Akelarre, la última creación de nBitor, es una fragancia que encapsula la esencia de una noche misteriosa y seductora. Atrae a aquellos que se sienten atraídos por la enigmática belleza del océano iluminado por la luna, donde las olas rompen contra la orilla con un ritmo hipnótico. Esta fragancia es para la persona que es a la vez atrevida y elegante, con un toque de intriga que la distingue de la multitud.
Al inhalar Akelarre, eres recibido por una refrescante ráfaga de notas acuáticas que te transportan al borde del mar, donde la brisa salada se mezcla con el aroma de la tierra húmeda. Los matices amaderados añaden profundidad a la fragancia, como los árboles centenarios que vigilan la costa, con sus raíces firmemente ancladas en la arena.

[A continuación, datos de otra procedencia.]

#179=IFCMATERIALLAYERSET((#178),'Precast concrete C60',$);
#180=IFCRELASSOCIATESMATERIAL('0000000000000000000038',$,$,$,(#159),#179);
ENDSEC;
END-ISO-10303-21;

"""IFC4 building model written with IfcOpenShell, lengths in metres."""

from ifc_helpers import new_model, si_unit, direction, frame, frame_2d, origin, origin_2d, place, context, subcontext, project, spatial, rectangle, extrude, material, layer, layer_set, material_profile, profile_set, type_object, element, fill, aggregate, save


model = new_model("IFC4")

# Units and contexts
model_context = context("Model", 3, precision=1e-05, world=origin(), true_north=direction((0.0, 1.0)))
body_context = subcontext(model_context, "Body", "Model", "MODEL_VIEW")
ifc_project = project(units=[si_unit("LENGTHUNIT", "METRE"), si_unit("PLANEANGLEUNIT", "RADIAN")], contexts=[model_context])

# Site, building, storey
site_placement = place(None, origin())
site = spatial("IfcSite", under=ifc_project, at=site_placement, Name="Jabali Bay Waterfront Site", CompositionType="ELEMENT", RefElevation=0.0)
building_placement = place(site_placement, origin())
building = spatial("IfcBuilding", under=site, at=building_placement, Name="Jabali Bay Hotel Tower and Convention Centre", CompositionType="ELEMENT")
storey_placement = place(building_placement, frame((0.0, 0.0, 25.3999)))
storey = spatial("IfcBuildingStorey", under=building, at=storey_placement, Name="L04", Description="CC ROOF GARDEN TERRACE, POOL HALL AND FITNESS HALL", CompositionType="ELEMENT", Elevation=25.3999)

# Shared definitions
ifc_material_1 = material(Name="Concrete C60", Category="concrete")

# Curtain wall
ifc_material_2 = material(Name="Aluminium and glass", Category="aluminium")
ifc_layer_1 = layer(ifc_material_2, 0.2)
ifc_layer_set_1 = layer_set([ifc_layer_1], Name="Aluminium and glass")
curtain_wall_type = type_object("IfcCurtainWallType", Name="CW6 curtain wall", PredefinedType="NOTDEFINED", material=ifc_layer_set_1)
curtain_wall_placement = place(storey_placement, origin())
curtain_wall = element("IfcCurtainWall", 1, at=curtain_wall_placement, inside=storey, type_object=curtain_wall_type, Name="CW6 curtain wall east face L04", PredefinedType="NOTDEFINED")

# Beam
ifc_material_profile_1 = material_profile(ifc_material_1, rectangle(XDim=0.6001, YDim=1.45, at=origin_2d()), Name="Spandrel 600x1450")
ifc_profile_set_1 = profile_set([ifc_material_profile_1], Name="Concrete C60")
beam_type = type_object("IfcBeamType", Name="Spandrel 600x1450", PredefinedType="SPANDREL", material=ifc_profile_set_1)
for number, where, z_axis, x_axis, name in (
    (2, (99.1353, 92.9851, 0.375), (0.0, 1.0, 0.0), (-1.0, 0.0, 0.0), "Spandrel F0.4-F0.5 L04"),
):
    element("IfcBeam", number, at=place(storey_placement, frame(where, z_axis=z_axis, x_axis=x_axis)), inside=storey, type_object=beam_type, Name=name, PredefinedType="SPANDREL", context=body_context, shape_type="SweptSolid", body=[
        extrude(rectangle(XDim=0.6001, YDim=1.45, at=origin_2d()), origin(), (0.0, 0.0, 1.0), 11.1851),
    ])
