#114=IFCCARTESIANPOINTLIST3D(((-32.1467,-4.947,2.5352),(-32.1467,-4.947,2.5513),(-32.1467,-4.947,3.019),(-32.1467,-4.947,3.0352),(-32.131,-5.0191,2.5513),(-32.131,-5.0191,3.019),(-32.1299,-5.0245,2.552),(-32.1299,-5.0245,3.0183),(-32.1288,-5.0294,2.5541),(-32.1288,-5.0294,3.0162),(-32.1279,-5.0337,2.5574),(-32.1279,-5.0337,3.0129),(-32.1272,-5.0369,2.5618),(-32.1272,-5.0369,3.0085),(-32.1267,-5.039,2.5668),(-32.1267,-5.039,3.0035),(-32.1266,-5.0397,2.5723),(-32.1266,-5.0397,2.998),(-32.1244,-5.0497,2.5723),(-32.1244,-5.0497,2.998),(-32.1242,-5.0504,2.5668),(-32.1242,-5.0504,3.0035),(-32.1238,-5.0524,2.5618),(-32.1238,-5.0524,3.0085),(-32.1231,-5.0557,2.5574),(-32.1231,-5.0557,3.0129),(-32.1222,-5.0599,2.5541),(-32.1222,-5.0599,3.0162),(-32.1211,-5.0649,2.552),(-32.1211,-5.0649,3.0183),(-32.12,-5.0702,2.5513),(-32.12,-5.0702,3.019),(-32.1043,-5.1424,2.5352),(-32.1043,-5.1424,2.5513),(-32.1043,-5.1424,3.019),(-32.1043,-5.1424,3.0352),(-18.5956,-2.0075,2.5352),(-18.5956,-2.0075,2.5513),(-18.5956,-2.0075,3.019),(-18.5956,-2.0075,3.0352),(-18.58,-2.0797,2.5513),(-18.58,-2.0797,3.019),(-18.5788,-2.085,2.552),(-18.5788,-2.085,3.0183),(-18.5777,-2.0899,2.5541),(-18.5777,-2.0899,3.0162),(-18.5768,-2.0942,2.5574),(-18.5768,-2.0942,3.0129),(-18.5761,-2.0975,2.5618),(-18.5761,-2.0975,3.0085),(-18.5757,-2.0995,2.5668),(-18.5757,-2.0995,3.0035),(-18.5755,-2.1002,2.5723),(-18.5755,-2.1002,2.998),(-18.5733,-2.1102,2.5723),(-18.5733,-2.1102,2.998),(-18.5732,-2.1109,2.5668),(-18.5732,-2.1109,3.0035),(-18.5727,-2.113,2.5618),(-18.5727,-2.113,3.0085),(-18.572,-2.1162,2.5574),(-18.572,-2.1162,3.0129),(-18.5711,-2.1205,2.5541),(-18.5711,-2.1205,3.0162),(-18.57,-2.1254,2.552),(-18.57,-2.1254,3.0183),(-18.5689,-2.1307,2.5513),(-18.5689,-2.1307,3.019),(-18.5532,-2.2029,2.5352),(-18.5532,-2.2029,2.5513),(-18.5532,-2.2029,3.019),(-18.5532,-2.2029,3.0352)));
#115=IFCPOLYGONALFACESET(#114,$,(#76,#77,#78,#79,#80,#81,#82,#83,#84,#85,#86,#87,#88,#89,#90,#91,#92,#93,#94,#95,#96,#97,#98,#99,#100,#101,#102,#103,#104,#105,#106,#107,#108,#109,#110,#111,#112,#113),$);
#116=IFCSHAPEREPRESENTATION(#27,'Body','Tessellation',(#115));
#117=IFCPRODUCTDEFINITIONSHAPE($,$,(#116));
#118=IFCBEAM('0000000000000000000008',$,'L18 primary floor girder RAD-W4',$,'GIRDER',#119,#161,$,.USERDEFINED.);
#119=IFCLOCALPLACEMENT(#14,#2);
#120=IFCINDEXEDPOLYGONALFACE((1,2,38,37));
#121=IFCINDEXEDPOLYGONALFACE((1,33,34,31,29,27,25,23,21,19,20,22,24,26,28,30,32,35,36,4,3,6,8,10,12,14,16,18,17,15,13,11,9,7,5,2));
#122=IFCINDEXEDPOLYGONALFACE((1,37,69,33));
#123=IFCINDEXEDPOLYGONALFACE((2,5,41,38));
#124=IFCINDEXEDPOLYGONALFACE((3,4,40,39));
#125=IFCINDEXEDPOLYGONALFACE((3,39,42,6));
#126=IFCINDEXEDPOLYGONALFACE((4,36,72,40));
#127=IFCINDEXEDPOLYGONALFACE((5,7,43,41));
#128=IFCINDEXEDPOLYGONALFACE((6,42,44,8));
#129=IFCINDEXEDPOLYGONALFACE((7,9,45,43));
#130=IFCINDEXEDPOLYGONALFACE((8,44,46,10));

Las notas altas de manzana, canela, café, frutos secos y trufa blanca crean una sinfonía de aromas cálidos y acogedores, como una acogedora hoguera en una noche fría. Estas notas se combinan a la perfección con las notas de corazón de cipriol, geosmina, notas metálicas y rosa, añadiendo un toque de misterio y atractivo a la fragancia.
A medida que la fragancia se asienta en tu piel, las notas de fondo de ámbar, cedro, hyraceum y pachulí persisten como una promesa susurrada en la noche. Evocan una sensación de sensualidad y sofisticación, envolviéndote en un manto de elegancia que es a la vez atemporal y moderna.
Akelarre es una fragancia destinada a ser usada por aquellos que no tienen miedo de abrazar su propio estilo e individualidad únicos. Es el accesorio perfecto para una noche de fiesta en la ciudad, donde podrás bailar bajo las estrellas y dejar que el aroma de la brisa del mar te envuelva.
Cada nota en Akelarre juega un papel crucial en la creación de una experiencia sensorial verdaderamente única. La manzana y la canela añaden un toque de dulzura, que recuerda a una taza caliente de sidra especiada en un frío día de invierno. El café y los frutos secos aportan riqueza a la fragancia, como un postre decadente que perdura en el paladar.
La trufa blanca añade un toque terroso que fundamenta el aroma, mientras que el cipriol y la rosa le infunden un toque de elegancia floral. Las notas metálicas añaden un giro inesperado, como un secreto oculto que te invita a descubrir sus misterios.
Las notas de fondo de ámbar, cedro, hyraceum y pachulí son los toques finales que elevan a Akelarre a un nuevo nivel de sofisticación. Crean un aura cálida y acogedora que atrae a los demás y deja una impresión duradera que es tan inolvidable como el aroma mismo.